Monastery information
- Full name: From the mid 14th-century: Dalby and Heather Preceptory
- Order: Knights Hospitaller
- Established: before 1199
- Disestablished: 1540
- Mother house: Dalby Preceptory

People
- Founder: Ralph de Greseley

Site
- Location: Heather, Leicestershire, England
- Coordinates: 52°41′36″N 1°25′29″W﻿ / ﻿52.693299°N 1.424586°W
- Visible remains: Fragments incorporated into cellars of later house.

= Heather Preceptory =

Preceptory of the Knights Hospitaller

Heather Preceptory (pronounced: /hiːðər/; He-ther) was a preceptory of the Knights Hospitaller, established in the village of Heather, Leicestershire, United Kingdom.

==History==
Heather preceptory was established as a preceptory (monastery) of the Knights Hospitaller, and was founded by Ralph de Greseley as early the reign of King John (1199–1216).

Heather was an independent preceptory until around 1338, when it was reduced to the status of a "camera", a lesser establishment dependent upon another. Heather was integrated with another preceptory of the Knights Hospitaller in Leicestershire, Dalby.
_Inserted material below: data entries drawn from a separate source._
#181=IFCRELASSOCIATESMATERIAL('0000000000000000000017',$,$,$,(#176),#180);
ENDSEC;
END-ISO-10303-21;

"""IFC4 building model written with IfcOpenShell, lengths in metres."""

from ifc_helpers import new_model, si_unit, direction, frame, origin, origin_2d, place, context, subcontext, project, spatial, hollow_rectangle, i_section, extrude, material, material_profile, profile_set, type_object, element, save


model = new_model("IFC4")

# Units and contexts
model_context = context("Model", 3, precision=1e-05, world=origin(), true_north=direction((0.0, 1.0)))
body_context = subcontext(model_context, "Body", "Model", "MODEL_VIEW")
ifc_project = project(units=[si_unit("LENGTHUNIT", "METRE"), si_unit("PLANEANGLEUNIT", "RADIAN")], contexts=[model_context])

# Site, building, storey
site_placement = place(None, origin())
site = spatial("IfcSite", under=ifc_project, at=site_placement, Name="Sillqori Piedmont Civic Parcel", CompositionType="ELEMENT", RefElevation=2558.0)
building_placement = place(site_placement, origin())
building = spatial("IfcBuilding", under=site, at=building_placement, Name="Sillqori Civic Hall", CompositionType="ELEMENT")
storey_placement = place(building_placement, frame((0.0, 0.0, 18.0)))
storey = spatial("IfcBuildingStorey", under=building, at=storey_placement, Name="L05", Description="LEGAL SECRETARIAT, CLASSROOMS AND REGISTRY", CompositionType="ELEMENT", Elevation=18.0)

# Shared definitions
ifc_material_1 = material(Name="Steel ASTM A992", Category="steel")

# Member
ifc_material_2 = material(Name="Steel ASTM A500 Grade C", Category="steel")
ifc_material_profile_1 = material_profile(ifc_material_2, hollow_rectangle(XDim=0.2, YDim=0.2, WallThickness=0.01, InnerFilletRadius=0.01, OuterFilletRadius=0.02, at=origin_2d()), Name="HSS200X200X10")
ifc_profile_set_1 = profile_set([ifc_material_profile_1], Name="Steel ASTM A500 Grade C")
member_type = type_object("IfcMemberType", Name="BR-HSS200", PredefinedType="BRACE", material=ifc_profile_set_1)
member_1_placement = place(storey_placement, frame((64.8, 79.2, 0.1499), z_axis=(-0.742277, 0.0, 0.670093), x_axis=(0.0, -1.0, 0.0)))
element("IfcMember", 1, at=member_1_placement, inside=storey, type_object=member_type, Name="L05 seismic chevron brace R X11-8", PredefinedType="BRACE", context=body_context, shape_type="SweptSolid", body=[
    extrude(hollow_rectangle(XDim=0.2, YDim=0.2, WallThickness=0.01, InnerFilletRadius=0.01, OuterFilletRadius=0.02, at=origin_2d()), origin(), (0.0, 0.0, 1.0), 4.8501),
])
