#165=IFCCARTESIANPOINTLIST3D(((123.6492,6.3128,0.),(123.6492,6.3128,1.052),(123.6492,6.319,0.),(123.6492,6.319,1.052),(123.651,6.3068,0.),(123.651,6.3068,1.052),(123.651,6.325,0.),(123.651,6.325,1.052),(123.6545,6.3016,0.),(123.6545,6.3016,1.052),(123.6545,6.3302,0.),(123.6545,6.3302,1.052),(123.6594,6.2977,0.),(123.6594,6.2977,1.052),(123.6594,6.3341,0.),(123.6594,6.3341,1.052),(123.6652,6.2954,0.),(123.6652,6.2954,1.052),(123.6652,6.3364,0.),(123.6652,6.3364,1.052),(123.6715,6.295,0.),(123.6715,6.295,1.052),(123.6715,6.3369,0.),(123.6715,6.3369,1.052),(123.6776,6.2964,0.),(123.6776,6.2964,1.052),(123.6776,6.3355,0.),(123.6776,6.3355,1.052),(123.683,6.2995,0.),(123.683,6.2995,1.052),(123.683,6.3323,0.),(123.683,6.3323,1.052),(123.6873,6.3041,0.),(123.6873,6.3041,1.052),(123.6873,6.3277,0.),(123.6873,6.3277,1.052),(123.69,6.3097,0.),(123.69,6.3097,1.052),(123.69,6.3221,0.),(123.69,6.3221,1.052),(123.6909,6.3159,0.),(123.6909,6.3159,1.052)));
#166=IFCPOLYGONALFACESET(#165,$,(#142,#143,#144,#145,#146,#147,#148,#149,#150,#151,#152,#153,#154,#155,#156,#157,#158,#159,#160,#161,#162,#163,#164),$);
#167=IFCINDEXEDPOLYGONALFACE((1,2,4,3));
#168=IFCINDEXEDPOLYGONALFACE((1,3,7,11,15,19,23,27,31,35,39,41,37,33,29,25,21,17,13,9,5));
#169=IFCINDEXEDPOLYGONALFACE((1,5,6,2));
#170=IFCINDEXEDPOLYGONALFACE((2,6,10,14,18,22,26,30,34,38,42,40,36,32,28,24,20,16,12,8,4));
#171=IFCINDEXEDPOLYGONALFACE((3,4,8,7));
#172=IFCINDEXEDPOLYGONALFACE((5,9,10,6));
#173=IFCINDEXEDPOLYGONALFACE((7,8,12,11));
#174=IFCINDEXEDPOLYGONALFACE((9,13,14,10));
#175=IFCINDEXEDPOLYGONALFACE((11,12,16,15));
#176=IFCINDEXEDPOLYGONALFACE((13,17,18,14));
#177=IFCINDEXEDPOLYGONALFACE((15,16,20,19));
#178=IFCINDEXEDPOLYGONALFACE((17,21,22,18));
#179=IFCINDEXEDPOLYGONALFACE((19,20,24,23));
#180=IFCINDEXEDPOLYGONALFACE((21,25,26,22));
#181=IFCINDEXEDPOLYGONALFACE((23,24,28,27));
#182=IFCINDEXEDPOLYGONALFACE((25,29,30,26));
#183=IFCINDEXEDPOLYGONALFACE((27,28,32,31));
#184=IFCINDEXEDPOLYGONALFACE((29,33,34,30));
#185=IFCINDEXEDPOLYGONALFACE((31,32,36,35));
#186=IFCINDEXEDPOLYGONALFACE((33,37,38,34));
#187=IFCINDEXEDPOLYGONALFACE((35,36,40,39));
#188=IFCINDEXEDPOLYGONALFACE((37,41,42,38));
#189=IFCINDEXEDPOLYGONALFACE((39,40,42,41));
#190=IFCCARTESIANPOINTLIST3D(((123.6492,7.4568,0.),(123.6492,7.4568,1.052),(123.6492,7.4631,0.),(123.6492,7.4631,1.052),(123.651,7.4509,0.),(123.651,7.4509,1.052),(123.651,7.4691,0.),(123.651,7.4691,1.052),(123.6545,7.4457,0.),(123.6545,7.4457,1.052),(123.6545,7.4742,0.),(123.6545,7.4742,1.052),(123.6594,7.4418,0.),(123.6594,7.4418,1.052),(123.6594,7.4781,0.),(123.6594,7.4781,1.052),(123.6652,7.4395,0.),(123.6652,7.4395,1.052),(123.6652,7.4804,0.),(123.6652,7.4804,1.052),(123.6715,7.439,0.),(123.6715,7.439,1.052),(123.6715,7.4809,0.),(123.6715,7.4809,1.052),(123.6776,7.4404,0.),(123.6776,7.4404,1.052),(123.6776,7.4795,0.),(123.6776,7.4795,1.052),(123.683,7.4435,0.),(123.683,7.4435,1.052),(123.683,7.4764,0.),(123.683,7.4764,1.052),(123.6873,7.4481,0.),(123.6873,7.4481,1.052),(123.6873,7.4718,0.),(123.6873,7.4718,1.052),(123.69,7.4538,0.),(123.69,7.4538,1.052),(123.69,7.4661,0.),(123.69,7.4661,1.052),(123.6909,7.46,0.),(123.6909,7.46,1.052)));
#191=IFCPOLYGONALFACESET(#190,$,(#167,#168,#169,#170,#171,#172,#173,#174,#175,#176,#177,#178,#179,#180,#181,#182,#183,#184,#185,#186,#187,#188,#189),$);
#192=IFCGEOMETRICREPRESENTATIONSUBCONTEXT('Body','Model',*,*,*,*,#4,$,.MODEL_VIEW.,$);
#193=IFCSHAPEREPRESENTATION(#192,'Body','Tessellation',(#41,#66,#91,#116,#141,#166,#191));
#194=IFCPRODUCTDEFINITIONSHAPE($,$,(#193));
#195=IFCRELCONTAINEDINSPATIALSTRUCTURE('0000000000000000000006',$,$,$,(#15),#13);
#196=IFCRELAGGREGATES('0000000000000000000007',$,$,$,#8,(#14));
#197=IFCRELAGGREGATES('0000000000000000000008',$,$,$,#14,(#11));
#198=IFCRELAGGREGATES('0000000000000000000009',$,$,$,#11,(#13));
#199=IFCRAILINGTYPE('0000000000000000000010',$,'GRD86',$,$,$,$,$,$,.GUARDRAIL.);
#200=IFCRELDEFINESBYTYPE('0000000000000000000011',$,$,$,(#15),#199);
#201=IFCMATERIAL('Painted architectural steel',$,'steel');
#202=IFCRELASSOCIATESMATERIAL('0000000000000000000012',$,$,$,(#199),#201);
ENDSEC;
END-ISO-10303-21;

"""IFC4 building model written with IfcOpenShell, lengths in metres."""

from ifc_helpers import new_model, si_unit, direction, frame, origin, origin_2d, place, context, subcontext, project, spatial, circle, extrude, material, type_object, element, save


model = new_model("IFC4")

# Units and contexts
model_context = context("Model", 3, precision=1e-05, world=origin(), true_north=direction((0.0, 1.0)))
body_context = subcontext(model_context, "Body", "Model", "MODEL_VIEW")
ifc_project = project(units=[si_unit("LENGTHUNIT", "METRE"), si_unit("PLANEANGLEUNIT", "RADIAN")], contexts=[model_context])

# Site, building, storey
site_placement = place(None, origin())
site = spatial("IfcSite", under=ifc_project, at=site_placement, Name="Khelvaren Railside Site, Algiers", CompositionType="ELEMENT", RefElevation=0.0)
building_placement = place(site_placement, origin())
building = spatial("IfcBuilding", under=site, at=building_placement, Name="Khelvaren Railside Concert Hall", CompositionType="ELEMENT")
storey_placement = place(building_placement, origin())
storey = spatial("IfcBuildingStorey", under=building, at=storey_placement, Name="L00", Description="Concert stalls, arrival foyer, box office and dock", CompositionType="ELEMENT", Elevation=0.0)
The two were then referred to as the "Dalby and Heather Preceptory". Dalby seems to have taken the leading role, as it was where the joint preceptory was administered from and where the Preceptor was based.
Rothley Preceptory was similarly merged before 1371.

The Knights Templar also owned the manor of Heather, and by the 14th-century were renting it and its associated lands, only directly farming their lands at Dalby and Rothley Preceptories.

From around 1500 the land at all three preceptories, Dalby, Heather and Rothley, appears to have been rented out. In 1535, the three combined preceptories are recorded as providing the order with a sizable annual income of £231. 7s. 10d.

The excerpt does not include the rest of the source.